The award will be used for drug research to fight infections in Bobwhite quail.
Ron Kendall, a professor of environmental toxicology and founding director of The Institute of Environmental and Human Health (TIEHH) at Texas Tech University, has been studying the declining Bobwhite quail population of the West Texas Rolling Plains, one of the last areas for wild bobwhite quail hunting in the United States.
The team at the Texas Tech Wildlife Toxicology Laboratory (WTL) believe the decline in the quail population can be attributed to multiple variables, including parasitic infection. Two of the most common parasites of quail in this region are the eyeworm and caecal worm. Eyeworms live behind the eyes of quail feeding on the tissues within the eye where they cause damage that may lead to poor eyesight. A female eyeworm can grow long enough to span a penny, which would be comparable to the length of a toothpick in the human eye.

Eventually these eyeworms cause severe pathology in the eyes of quail. Without excellent eyesight, quail can fly into barns and fences, damaging their bodies, and this has been reported in many instances in the Rolling Plains. Also, if quail have poor eyesight they can no longer hunt for food as easily and therefore become easier targets for predators.
The second parasite, the caecal worm, are like a round worm in a dog's intestines and affects the quail's energy These parasites live within the bird's intestines and absorb important nutrients.
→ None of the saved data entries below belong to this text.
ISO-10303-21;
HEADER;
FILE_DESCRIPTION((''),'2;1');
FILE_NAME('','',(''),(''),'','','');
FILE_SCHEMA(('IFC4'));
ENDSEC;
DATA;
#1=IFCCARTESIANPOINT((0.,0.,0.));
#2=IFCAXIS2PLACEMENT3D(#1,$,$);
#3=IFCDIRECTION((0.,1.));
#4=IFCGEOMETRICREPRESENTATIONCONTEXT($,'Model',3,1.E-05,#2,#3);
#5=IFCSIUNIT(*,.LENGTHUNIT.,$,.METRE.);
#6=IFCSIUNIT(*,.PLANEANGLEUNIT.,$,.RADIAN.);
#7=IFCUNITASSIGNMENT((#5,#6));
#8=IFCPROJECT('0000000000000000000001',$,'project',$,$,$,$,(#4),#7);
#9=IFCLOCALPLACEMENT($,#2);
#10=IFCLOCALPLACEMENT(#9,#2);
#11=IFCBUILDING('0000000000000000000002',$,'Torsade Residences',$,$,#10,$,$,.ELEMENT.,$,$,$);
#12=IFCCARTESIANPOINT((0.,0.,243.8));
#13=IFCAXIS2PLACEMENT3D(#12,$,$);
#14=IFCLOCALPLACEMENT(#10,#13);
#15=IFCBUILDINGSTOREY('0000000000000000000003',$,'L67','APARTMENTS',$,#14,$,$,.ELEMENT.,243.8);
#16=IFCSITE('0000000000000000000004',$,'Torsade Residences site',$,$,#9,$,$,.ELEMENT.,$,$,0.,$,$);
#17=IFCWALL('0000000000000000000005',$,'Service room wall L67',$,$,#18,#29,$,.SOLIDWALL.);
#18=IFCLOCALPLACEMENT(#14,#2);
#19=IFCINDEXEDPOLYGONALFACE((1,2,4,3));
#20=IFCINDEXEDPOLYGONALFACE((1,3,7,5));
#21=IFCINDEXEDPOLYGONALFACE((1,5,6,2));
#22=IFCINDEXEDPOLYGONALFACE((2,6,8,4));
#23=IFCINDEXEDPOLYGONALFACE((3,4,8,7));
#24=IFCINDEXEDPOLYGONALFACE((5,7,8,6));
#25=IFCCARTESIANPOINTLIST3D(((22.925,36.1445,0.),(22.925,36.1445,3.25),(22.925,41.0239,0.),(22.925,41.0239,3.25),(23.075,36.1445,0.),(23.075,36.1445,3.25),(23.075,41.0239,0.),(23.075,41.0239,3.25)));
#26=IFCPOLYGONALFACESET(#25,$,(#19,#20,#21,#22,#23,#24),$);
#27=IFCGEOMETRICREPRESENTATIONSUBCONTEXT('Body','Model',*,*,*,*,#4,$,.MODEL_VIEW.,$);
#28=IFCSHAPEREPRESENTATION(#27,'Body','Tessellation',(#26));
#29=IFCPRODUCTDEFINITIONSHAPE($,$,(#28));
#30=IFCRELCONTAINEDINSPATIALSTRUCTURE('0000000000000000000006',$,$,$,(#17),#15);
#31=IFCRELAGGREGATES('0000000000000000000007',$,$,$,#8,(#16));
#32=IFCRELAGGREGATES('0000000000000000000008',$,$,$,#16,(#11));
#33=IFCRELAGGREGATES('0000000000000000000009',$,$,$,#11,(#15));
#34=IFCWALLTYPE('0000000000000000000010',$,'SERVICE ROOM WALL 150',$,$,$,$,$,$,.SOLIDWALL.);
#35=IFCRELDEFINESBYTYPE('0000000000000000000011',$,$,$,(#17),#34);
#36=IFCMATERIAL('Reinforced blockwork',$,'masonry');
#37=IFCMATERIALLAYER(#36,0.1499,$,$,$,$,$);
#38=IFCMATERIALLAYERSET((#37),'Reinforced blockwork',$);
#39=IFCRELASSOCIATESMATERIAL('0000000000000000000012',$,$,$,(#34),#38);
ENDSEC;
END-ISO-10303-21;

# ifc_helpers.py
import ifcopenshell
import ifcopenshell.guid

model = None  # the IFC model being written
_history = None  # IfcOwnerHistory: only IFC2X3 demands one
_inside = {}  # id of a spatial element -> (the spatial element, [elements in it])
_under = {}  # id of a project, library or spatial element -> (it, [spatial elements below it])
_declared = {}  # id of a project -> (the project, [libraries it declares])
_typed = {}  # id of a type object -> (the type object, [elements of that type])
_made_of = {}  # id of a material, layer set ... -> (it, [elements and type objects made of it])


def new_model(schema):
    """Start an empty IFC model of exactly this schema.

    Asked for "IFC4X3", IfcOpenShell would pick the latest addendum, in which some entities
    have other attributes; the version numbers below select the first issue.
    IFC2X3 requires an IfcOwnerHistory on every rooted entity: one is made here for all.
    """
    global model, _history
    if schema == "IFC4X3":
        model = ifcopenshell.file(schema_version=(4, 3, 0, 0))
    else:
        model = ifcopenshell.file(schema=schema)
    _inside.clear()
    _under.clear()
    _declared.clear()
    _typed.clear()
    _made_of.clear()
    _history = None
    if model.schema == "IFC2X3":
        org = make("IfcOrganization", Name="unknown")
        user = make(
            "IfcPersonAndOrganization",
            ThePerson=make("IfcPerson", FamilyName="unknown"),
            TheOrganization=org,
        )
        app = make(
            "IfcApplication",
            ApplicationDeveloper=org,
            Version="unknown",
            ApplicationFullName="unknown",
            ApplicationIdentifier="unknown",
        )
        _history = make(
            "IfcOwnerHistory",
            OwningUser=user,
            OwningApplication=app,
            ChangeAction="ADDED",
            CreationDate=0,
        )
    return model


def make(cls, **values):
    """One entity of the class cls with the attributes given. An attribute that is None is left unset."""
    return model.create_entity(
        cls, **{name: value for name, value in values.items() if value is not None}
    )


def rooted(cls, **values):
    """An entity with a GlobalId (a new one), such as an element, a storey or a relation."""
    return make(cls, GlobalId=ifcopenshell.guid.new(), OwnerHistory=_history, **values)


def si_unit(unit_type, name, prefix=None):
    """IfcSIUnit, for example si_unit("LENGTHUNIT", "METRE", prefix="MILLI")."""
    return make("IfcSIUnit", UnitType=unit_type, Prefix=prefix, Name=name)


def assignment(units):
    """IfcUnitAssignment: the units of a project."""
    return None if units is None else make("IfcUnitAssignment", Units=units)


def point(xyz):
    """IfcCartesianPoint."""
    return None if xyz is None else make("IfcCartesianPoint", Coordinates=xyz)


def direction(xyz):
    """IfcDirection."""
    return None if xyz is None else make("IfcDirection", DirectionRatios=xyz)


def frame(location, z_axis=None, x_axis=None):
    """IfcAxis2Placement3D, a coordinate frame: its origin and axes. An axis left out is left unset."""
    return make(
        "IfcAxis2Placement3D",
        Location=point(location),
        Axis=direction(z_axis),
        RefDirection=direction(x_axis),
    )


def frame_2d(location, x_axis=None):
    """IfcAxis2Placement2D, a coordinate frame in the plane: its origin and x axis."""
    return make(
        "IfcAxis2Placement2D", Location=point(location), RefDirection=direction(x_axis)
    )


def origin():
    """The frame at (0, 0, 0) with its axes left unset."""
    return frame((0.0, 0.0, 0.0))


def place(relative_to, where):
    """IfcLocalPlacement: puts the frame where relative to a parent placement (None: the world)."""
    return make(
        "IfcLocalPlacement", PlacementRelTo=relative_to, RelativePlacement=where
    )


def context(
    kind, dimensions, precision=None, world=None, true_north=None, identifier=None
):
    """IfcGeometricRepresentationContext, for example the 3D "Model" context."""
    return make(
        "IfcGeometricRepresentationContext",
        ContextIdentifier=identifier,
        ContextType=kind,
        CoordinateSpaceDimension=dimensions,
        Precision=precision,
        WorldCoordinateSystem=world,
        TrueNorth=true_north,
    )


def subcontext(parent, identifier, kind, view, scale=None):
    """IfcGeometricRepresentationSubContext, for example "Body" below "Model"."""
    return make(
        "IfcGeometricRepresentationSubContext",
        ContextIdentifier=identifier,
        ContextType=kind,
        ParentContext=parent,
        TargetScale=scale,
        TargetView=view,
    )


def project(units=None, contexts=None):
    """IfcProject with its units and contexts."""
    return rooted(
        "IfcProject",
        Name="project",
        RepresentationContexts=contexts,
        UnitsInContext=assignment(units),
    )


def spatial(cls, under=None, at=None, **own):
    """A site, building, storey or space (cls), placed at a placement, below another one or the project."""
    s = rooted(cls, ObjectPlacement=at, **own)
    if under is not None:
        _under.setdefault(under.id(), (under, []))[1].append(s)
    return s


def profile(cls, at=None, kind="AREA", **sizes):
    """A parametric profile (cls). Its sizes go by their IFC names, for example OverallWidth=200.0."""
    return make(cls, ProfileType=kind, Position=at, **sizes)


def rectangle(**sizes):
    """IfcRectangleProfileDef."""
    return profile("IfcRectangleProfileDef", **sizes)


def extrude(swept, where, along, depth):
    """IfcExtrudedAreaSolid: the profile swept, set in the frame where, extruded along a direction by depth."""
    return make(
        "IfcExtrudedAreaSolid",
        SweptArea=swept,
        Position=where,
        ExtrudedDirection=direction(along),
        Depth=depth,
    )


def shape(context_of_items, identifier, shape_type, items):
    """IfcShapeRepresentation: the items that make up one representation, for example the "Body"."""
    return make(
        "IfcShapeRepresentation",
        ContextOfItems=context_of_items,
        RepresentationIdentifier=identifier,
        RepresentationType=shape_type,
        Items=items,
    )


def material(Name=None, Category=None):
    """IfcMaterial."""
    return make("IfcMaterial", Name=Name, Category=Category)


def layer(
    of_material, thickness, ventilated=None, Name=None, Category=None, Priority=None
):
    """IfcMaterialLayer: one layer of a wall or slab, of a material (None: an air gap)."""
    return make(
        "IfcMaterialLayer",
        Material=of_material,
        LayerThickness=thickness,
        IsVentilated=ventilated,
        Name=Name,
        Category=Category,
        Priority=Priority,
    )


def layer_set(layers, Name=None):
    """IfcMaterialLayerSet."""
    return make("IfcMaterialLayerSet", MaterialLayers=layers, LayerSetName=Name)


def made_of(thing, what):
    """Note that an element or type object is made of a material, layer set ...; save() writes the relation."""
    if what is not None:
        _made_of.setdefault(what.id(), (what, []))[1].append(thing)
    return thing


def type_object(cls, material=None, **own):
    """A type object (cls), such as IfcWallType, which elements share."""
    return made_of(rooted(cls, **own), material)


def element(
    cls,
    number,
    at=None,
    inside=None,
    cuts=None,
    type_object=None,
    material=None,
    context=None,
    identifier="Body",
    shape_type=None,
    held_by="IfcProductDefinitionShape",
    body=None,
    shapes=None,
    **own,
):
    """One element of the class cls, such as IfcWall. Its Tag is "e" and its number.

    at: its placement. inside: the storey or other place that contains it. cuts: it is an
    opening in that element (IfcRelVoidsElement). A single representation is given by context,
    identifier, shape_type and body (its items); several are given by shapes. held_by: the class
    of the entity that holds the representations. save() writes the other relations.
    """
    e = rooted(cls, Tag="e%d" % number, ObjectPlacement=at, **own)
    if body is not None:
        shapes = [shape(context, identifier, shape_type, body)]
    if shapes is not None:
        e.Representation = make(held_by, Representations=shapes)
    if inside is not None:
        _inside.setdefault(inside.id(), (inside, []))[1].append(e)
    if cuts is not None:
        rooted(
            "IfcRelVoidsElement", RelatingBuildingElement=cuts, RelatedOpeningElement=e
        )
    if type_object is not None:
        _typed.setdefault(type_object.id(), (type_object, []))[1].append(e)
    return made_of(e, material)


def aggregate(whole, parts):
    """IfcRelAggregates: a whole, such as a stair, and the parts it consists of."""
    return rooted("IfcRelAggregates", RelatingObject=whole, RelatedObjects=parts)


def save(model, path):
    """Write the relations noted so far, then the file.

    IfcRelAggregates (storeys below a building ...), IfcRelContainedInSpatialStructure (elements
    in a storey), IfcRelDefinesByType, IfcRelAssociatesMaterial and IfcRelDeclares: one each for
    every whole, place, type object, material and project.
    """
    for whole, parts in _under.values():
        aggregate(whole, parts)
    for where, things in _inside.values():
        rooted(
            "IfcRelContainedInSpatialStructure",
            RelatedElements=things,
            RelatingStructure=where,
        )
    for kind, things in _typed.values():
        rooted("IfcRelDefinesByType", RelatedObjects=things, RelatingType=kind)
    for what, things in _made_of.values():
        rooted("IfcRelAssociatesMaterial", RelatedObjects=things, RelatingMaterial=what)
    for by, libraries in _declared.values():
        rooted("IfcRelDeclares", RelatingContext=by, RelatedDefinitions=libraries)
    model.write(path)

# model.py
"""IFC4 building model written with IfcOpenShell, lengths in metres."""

from ifc_helpers import new_model, si_unit, direction, frame, frame_2d, origin, place, context, subcontext, project, spatial, rectangle, extrude, material, layer, layer_set, type_object, element, save


model = new_model("IFC4")

# Units and contexts
model_context = context("Model", 3, precision=1e-05, world=origin(), true_north=direction((0.0, 1.0)))
body_context = subcontext(model_context, "Body", "Model", "MODEL_VIEW")
ifc_project = project(units=[si_unit("LENGTHUNIT", "METRE"), si_unit("PLANEANGLEUNIT", "RADIAN")], contexts=[model_context])

# Site, building, storey
site_placement = place(None, origin())
site = spatial("IfcSite", under=ifc_project, at=site_placement, Name="Torsade Residences site", CompositionType="ELEMENT", RefElevation=0.0)
building_placement = place(site_placement, origin())
building = spatial("IfcBuilding", under=site, at=building_placement, Name="Torsade Residences", CompositionType="ELEMENT")
storey_placement = place(building_placement, frame((0.0, 0.0, 243.8)))
storey = spatial("IfcBuildingStorey", under=building, at=storey_placement, Name="L67", Description="APARTMENTS", CompositionType="ELEMENT", Elevation=243.8)

# Shared definitions
ifc_material_1 = material(Name="Reinforced blockwork", Category="masonry")
ifc_layer_1 = layer(ifc_material_1, 0.1499)
ifc_layer_set_1 = layer_set([ifc_layer_1], Name="Reinforced blockwork")
wall_type_1 = type_object("IfcWallType", Name="SERVICE ROOM WALL 150", PredefinedType="SOLIDWALL", material=ifc_layer_set_1)

# Wall
wall_1_placement = place(storey_placement, frame((23.0, 41.0239, 0.0), z_axis=(0.0, 0.0, 1.0), x_axis=(0.0, -1.0, 0.0)))
element("IfcWall", 1, at=wall_1_placement, inside=storey, type_object=wall_type_1, Name="Service room wall L67", PredefinedType="SOLIDWALL", context=body_context, shape_type="SweptSolid", body=[
    extrude(rectangle(XDim=4.8794, YDim=0.1499, at=frame_2d((2.4397, 0.0))), origin(), (0.0, 0.0, 1.0), 3.25),
])

save(model, "model.ifc")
The worms steal energy from the quail by causing loss of muscle mass, particularly the breast. Without a healthy breast muscle, for instance, quail cannot fly as fast, have reduced breeding potential, and are more susceptible to extreme environmental conditions.
"These two significant parasitic diseases, which we have now documented in our scientific publications, can be intense and widespread in such a short period of time that they can infect more than 90 percent of the quail in a given zone," Kendall said.
The team found that quail are contracting these parasites by eating certain species of grasshoppers and crickets that carry infective larvae. Once a quail is infected, there is currently no way to cure them. A single quail can be infected with more than 1,700 caecal worms and over 100 eyeworms.
Recently, the WTL received a $200,000 grant to fund research toward a cure for these infections. The grant is sponsored by the Rolling Plains Quail Research Foundation, a nonprofit that focuses on the preservation of Texas' wild quail-hunting heritage.

With the Rolling Plains as one of the final destinations for wild bobwhite quail hunting, many of the ranches that led quail-hunting tours have shut down this year. The lack of quail has caused an economic impact on these small towns, Kendall said. Hunters no longer come to the area for quail-hunting, so hotels, restaurants and ranches suffer accordingly.
"The Rolling Plains is the Alamo of Bobwhite quail left in America," Kendall said. "It's taken years of research to get where we are today, but the recent grant we got is to continue the research, to develop the science, to develop our understanding of all these processes, and ultimately to develop a solution."
The team recently acquired a field truck from Smith South Plains Ford of Levelland, which they use to deploy a mobile research lab. With this truck and mobile lab, the wildlife toxicology team can go into the field and get data from quail in their natural habitats and can non-lethally test for these parasites.
"The work done in the mobile lab here is about 99 percent as accurate as the work done in the Wildlife Toxicology Laboratory," Kendall said. "I'm really proud of it and our team that has implemented this. We can go anywhere, and we're now doing research all across the Rolling Plains."
The wildlife toxicology team has researched the effects of parasites on Bobwhite quail since 2011. They are close to finding a solution to parasite infection in the wild quail population, Kendall said, but still have some time to go.
"Anybody can find a problem with something, but finding the solution is the big challenge," Kendall said. "We're working on a solution with the FDA to develop a treatment and a way of being able to rid wild quail of these infections if a landowner chooses to do so."